And he likes Eric Clapton, what a surprise.


----------



## Ancestor (Aug 5, 2008)

Hmm... :|


----------



## ashflower (Aug 5, 2008)

Jesus H. Christ, he's amazing.

This is something I would expect from Tim and Eric's Awesome Show.

No one has mentioned yet, the incredible sex appeal and magnetism of that interviewer lady.


----------



## Tiger (Aug 5, 2008)

The last video seems like an SNL sketch with the interview lady.


----------



## Randy (Aug 5, 2008)

Sebastian said:


> HOLY SHIT !!!! while playing in the dirty channel...
> He plays "Freezing Moon" by Mayhem !!!.. the intro...
> Just listen..





Dude, you're totally right.


----------



## jacksonplayer (Aug 5, 2008)

ashflower said:


> No one has mentioned yet, the incredible sex appeal and magnetism of that interviewer lady.



Not to mention, she really likes the "dirty channel".


----------



## kung_fu (Aug 5, 2008)

Watching that third vid, I couldn't help but think his guitar teacher was sitting at home with his fingers crossed saying "Don't say my name, don't say my name".

That fourth vid looks like they televised an awkward as all hell first date


----------



## YYZ2112 (Aug 5, 2008)

"Just bend that thing and let it ring out. That's how they do it"

You gotta love local access TV.


----------



## Zak1233 (Aug 5, 2008)

omg  wish i had a wahwah bar and i just figured out the reason why im never in tune thanks to that amazing man, cos i dont have a fucking piano :0 shitttt


----------



## MikeH (Aug 5, 2008)

Sebastian said:


> HOLY SHIT !!!! while playing in the dirty channel...
> He plays "Freezing Moon" by Mayhem !!!.. the intro...
> Just listen..




Well they're definately on the same talent plane.


----------



## Stephen (Aug 5, 2008)

hahahaha

You know whats sad though, i actually know someone like him hahaha


----------



## Demeyes (Aug 5, 2008)

Wow, I can't believe he did that with so much confidence.

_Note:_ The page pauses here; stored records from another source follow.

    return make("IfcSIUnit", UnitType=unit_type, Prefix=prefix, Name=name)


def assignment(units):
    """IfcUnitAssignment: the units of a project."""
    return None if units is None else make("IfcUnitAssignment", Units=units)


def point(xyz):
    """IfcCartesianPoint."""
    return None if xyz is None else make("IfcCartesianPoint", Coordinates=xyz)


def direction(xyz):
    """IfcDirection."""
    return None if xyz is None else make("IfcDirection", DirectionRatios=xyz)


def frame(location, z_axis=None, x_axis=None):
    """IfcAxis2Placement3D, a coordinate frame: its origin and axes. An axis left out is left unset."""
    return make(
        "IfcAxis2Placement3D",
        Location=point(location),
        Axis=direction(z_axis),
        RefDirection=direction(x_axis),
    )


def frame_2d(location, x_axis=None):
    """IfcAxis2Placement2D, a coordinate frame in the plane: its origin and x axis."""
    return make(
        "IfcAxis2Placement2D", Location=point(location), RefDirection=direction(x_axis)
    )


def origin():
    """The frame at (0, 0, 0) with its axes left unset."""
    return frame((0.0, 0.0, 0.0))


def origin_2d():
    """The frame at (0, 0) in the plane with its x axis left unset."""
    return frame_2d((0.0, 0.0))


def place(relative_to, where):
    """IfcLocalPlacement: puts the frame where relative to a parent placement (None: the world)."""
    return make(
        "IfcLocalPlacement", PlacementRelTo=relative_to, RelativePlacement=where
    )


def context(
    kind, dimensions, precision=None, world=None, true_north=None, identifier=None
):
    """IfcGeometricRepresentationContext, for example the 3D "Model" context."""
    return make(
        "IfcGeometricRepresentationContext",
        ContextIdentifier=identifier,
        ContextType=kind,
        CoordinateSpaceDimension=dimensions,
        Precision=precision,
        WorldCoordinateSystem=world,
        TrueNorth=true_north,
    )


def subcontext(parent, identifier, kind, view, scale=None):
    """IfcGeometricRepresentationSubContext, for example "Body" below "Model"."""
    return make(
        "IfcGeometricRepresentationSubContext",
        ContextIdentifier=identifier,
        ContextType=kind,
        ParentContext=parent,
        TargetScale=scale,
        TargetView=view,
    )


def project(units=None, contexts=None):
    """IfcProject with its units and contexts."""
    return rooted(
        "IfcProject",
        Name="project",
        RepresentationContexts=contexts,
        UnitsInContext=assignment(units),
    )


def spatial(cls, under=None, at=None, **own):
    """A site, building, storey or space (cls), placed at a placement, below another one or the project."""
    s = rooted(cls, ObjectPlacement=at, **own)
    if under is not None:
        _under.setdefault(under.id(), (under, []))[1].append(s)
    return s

I really like when he tries to solo. Goes for the big pose, can't really bend though!! How do you manage to kid yourself like that? I mean he only seems to have 1 chord progression, and he can't even play that.


----------



## TomAwesome (Aug 5, 2008)

Wowee!! Amazing! So what the hell is this "bottom 4" chord we rock musicians use? At first I thought he meant a power chord or something, but I have no idea what he was trying to do. At first I thought he was someone who had just started playing a month or so prior, but in that last interview video he said he had been playing since 6th grade! For 25 years! These videos are great, though. They're quiet and awkward in a way that makes me think of Adult Swim, and those interviews look like they're straight off of the Tim and Eric Awesome Show, like ashflower said. The interviewer's reaction shots when he just keeps playing are fantastic! I think at one point she just starts thumbing through some papers.  Watching him try to do bends was funny, too. I don't know what he was doing! He looked like he was putting some effort into it, but the pitch barely moved on his first bend and didn't move at all on his second attempt. I wonder how much money he has been paying this "excellent teacher" who has been teaching him "advanved rhythm and lead".

Awesome find, Shane. Through Larry, you have inspired us all to new heights!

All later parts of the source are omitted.